Modeling performance of a parallel streaming engine: bridging theory and costs

  • Authors:
  • Ivan Bedini;Sherif Sakr;Bart Theeten;Alessandra Sala;Peter Cogan

  • Affiliations:
  • Bell Labs, Alcatel-Lucent, Dublin, Ireland;Bell Labs, Alcatel-Lucent, Dublin, Ireland;Bell Labs, Alcatel-Lucent, Antwerp, Belgium;Bell Labs, Alcatel-Lucent, Dublin , Ireland;Bell Labs, Alcatel-Lucent, Dublin , Ireland

  • Venue:
  • Proceedings of the 4th ACM/SPEC International Conference on Performance Engineering
  • Year:
  • 2013

Quantified Score

Hi-index 0.00

Visualization

Abstract

While data are growing at a speed never seen before, parallel computing is becoming more and more essential to process this massive volume of data in a timely manner. Therefore, recently, concurrent computations have been receiving increasing attention due to the widespread adoption of multi-core processors and the emerging advancements of cloud computing technology. The ubiquity of mobile devices, location services, and sensor pervasiveness are examples of new scenarios that have created the crucial need for building scalable computing platforms and parallel architectures to process vast amounts of generated streaming data. In practice, efficiently operating these systems is hard due to the intrinsic complexity of these architectures and the lack of a formal and in-depth knowledge of the performance models and the consequent system costs.
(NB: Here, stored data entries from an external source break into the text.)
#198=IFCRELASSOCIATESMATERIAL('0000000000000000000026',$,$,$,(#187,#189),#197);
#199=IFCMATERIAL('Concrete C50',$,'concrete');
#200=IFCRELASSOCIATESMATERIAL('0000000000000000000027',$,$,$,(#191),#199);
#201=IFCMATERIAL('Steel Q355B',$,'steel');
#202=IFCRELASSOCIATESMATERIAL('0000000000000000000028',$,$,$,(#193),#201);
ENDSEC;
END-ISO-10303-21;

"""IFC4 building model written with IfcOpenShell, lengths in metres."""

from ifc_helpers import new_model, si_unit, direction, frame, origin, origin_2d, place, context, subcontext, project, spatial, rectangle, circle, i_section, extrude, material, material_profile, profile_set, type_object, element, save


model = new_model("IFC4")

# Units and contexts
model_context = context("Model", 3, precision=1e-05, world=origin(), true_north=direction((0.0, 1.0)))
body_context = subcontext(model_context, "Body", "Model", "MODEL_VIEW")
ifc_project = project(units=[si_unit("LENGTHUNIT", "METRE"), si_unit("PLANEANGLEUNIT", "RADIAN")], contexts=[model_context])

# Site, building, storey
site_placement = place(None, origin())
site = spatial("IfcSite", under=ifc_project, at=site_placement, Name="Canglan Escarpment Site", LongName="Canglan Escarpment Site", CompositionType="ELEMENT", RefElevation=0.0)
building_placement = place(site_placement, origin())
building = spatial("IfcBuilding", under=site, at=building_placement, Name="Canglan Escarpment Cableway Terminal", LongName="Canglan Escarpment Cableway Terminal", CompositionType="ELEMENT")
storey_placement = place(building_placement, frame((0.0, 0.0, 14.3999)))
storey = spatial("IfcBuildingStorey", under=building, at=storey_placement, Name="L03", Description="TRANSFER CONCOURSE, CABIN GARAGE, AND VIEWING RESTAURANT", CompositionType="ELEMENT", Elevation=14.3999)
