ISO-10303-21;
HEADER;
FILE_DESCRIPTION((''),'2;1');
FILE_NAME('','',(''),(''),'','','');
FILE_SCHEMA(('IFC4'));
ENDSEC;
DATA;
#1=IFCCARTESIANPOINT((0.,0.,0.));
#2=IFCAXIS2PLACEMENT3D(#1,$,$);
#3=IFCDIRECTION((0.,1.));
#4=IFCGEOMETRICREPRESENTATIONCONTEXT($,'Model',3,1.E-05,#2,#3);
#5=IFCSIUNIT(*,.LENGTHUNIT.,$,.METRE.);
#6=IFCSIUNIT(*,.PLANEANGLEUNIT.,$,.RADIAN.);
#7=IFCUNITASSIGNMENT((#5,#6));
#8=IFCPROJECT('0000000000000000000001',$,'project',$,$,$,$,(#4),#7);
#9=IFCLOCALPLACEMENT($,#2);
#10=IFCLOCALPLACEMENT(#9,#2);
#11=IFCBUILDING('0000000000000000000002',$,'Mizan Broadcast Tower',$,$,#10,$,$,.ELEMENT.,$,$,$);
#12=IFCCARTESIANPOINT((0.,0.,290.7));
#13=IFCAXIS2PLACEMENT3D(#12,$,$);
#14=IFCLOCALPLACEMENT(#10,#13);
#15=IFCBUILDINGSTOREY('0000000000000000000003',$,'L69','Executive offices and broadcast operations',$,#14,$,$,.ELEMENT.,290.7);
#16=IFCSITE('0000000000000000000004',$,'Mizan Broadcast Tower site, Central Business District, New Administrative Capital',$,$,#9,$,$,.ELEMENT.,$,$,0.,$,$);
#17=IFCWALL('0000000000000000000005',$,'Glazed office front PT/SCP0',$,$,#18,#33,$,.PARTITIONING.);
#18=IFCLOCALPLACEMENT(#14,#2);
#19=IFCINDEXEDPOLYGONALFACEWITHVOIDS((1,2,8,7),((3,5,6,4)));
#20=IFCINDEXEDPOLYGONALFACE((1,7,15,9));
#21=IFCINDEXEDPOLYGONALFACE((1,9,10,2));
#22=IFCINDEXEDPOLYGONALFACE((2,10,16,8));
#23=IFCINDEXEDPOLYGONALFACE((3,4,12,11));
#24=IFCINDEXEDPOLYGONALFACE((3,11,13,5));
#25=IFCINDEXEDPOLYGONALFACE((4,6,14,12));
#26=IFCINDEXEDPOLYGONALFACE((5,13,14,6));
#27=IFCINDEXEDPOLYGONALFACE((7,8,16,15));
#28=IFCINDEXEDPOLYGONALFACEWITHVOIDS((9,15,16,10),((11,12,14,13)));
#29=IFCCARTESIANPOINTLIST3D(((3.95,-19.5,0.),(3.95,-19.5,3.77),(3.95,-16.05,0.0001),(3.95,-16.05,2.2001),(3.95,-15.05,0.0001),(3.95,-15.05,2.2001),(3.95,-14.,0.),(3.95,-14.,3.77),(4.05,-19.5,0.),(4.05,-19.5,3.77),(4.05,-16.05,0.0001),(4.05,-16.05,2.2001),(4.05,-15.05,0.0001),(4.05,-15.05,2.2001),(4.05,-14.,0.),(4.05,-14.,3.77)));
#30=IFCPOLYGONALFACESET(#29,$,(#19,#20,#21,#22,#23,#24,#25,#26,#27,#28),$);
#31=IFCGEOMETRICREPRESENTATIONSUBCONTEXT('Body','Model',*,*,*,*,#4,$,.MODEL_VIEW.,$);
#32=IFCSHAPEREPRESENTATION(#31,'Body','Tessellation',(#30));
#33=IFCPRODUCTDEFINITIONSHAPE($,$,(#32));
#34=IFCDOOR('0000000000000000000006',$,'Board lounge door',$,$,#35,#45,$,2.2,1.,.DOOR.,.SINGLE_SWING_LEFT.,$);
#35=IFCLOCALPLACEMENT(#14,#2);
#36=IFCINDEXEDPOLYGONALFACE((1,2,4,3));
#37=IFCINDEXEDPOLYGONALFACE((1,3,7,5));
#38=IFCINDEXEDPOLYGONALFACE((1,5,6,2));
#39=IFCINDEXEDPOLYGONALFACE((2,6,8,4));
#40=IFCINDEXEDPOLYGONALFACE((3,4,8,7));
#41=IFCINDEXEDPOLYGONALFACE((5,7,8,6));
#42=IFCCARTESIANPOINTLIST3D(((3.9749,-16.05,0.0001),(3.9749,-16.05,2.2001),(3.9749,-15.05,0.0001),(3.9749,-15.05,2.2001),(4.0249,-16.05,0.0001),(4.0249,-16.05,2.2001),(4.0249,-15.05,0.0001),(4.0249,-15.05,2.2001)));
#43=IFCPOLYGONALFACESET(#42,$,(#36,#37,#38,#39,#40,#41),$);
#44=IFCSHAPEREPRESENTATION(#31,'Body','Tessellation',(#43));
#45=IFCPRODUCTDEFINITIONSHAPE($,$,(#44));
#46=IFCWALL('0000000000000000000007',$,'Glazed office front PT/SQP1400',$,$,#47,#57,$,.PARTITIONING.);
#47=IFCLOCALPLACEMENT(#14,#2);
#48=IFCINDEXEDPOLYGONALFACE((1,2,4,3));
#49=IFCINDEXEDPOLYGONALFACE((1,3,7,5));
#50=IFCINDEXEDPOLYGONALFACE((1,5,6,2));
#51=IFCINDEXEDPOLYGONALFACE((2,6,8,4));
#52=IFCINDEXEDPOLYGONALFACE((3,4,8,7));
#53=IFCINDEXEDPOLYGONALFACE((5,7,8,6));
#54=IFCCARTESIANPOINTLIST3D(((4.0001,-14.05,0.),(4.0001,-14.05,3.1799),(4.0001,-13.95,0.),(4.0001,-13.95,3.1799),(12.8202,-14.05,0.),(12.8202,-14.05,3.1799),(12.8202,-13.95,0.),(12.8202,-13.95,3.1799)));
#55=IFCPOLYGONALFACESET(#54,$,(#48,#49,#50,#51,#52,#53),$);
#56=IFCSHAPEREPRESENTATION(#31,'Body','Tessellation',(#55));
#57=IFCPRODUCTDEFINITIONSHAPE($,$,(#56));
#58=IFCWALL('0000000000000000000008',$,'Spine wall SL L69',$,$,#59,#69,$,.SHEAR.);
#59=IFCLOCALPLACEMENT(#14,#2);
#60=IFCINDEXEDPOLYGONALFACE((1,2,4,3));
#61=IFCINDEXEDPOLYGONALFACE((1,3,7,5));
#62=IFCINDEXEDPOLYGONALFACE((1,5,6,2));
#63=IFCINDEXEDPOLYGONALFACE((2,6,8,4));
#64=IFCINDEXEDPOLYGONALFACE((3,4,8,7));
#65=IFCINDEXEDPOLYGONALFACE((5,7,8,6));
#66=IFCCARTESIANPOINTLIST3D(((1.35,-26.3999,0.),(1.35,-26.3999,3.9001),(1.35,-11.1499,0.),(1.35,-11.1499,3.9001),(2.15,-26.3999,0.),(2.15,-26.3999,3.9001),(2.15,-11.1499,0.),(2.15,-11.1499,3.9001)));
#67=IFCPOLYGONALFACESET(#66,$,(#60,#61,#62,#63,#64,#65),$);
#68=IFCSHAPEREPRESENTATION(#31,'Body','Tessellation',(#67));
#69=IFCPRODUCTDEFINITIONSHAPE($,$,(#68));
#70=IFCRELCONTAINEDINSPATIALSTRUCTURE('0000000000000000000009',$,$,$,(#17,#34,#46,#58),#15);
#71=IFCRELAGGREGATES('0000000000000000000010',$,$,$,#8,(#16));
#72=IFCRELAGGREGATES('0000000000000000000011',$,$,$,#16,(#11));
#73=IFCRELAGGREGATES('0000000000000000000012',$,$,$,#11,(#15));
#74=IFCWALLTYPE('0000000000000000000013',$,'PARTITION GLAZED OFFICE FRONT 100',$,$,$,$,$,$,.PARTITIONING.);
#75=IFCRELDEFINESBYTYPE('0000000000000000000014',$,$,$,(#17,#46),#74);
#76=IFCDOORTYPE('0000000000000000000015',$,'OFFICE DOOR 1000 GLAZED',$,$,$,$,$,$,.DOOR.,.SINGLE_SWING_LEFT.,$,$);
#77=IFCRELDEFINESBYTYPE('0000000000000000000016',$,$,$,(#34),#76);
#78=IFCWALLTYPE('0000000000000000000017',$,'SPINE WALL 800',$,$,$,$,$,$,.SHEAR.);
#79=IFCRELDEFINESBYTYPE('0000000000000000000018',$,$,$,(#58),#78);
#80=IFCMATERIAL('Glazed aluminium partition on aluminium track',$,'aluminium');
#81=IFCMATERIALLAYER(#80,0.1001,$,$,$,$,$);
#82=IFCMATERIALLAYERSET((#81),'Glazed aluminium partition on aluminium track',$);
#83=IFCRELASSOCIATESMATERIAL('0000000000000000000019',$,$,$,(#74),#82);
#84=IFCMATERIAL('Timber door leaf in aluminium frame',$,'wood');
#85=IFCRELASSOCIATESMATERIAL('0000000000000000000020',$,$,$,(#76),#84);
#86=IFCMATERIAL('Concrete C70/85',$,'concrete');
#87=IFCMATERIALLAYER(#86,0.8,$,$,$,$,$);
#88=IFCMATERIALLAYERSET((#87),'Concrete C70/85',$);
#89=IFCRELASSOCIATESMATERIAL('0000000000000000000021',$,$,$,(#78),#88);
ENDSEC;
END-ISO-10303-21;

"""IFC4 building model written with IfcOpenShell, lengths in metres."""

from ifc_helpers import new_model, si_unit, direction, frame, frame_2d, origin, place, context, subcontext, project, spatial, rectangle, extrude, material, layer, layer_set, type_object, element, fill, save


model = new_model("IFC4")

# Units and contexts
model_context = context("Model", 3, precision=1e-05, world=origin(), true_north=direction((0.0, 1.0)))
body_context = subcontext(model_context, "Body", "Model", "MODEL_VIEW")
ifc_project = project(units=[si_unit("LENGTHUNIT", "METRE"), si_unit("PLANEANGLEUNIT", "RADIAN")], contexts=[model_context])

# Site, building, storey
site_placement = place(None, origin())
site = spatial("IfcSite", under=ifc_project, at=site_placement, Name="Mizan Broadcast Tower site, Central Business District, New Administrative Capital", CompositionType="ELEMENT", RefElevation=0.0)
building_placement = place(site_placement, origin())
building = spatial("IfcBuilding", under=site, at=building_placement, Name="Mizan Broadcast Tower", CompositionType="ELEMENT")
storey_placement = place(building_placement, frame((0.0, 0.0, 290.7)))
storey = spatial("IfcBuildingStorey", under=building, at=storey_placement, Name="L69", Description="Executive offices and broadcast operations", CompositionType="ELEMENT", Elevation=290.7)

# Wall, opening, door
ifc_material_1 = material(Name="Glazed aluminium partition on aluminium track", Category="aluminium")
ifc_layer_1 = layer(ifc_material_1, 0.1001)
ifc_layer_set_1 = layer_set([ifc_layer_1], Name="Glazed aluminium partition on aluminium track")
wall_type_1 = type_object("IfcWallType", Name="PARTITION GLAZED OFFICE FRONT 100", PredefinedType="PARTITIONING", material=ifc_layer_set_1)
wall_1_placement = place(storey_placement, frame((4.0, -14.0, 0.0), z_axis=(0.0, 0.0, 1.0), x_axis=(0.0, -1.0, 0.0)))
wall_1 = element("IfcWall", 1, at=wall_1_placement, inside=storey, type_object=wall_type_1, Name="Glazed office front PT/SCP0", PredefinedType="PARTITIONING", context=body_context, shape_type="SweptSolid", body=[
    extrude(rectangle(XDim=5.5, YDim=0.1001, at=frame_2d((2.75, 0.0))), origin(), (0.0, 0.0, 1.0), 3.77),
])
opening_1_placement = place(wall_1_placement, frame((1.05, 0.0, 0.0)))
opening_1 = element("IfcOpeningElement", 2, at=opening_1_placement, cuts=wall_1, PredefinedType="OPENING", context=body_context, shape_type="SweptSolid", body=[
    extrude(rectangle(XDim=1.0, YDim=2.2, at=frame_2d((0.5, 1.1001))), frame((0.0, 0.0601, 0.0), z_axis=(0.0, -1.0, 0.0), x_axis=(1.0, 0.0, 0.0)), (0.0, 0.0, 1.0), 0.1201),
])
ifc_material_2 = material(Name="Timber door leaf in aluminium frame", Category="wood")
door_type_1 = type_object("IfcDoorType", Name="OFFICE DOOR 1000 GLAZED", OperationType="SINGLE_SWING_LEFT", PredefinedType="DOOR", material=ifc_material_2)
door_1_placement = place(opening_1_placement, origin())
door_1 = element("IfcDoor", 3, at=door_1_placement, inside=storey, type_object=door_type_1, Name="Board lounge door", OperationType="SINGLE_SWING_LEFT", OverallHeight=2.2, OverallWidth=1.0, PredefinedType="DOOR", context=body_context, shape_type="SweptSolid", body=[
    extrude(rectangle(XDim=1.0, YDim=2.2, at=frame_2d((0.5, 1.1001))), frame((0.0, 0.0249, 0.0), z_axis=(0.0, -1.0, 0.0), x_axis=(1.0, 0.0, 0.0)), (0.0, 0.0, 1.0), 0.05),
])
fill(opening_1, door_1)

# Walls
wall_2_placement = place(storey_placement, frame((4.0, -14.0, 0.0), z_axis=(0.0, 0.0, 1.0), x_axis=(1.0, 0.0, 0.0)))
element("IfcWall", 4, at=wall_2_placement, inside=storey, type_object=wall_type_1, Name="Glazed office front PT/SQP1400", PredefinedType="PARTITIONING", context=body_context, shape_type="SweptSolid", body=[
    extrude(rectangle(XDim=8.8201, YDim=0.1001, at=frame_2d((4.4102, 0.0))), origin(), (0.0, 0.0, 1.0), 3.1799),
])
ifc_material_3 = material(Name="Concrete C70/85", Category="concrete")
ifc_layer_2 = layer(ifc_material_3, 0.8)
ifc_layer_set_2 = layer_set([ifc_layer_2], Name="Concrete C70/85")
wall_type_2 = type_object("IfcWallType", Name="SPINE WALL 800", PredefinedType="SHEAR", material=ifc_layer_set_2)
wall_3_placement = place(storey_placement, frame((1.75, -11.1499, 0.0), z_axis=(0.0, 0.0, 1.0), x_axis=(0.0, -1.0, 0.0)))
element("IfcWall", 5, at=wall_3_placement, inside=storey, type_object=wall_type_2, Name="Spine wall SL L69", PredefinedType="SHEAR", context=body_context, shape_type="SweptSolid", body=[
    extrude(rectangle(XDim=15.25, YDim=0.8, at=frame_2d((7.625, 0.0))), origin(), (0.0, 0.0, 1.0), 3.9001),
])

save(model, "model.ifc")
The Actor Model theory has been presented as a mathematical model of con- current computation that had enormous success in practice and inspired a number of contemporary work in this area. Recently, the Storm system has been presented as a realization of the principles of the Actor Model theory in the context of the large scale processing of streaming data. In this paper, we present, to the best of our knowledge, the first set of models that formalize the performance characteristics of a practical distributed, parallel and fault-tolerant stream processing system that follows the Actor Model theory. In particular, we model the characteristics of the data flow, the data processing and the system management costs at a fine granularity within the different steps of executing a distributed stream processing job. Finally, we present an experimental validation of the described performance models using the Storm system.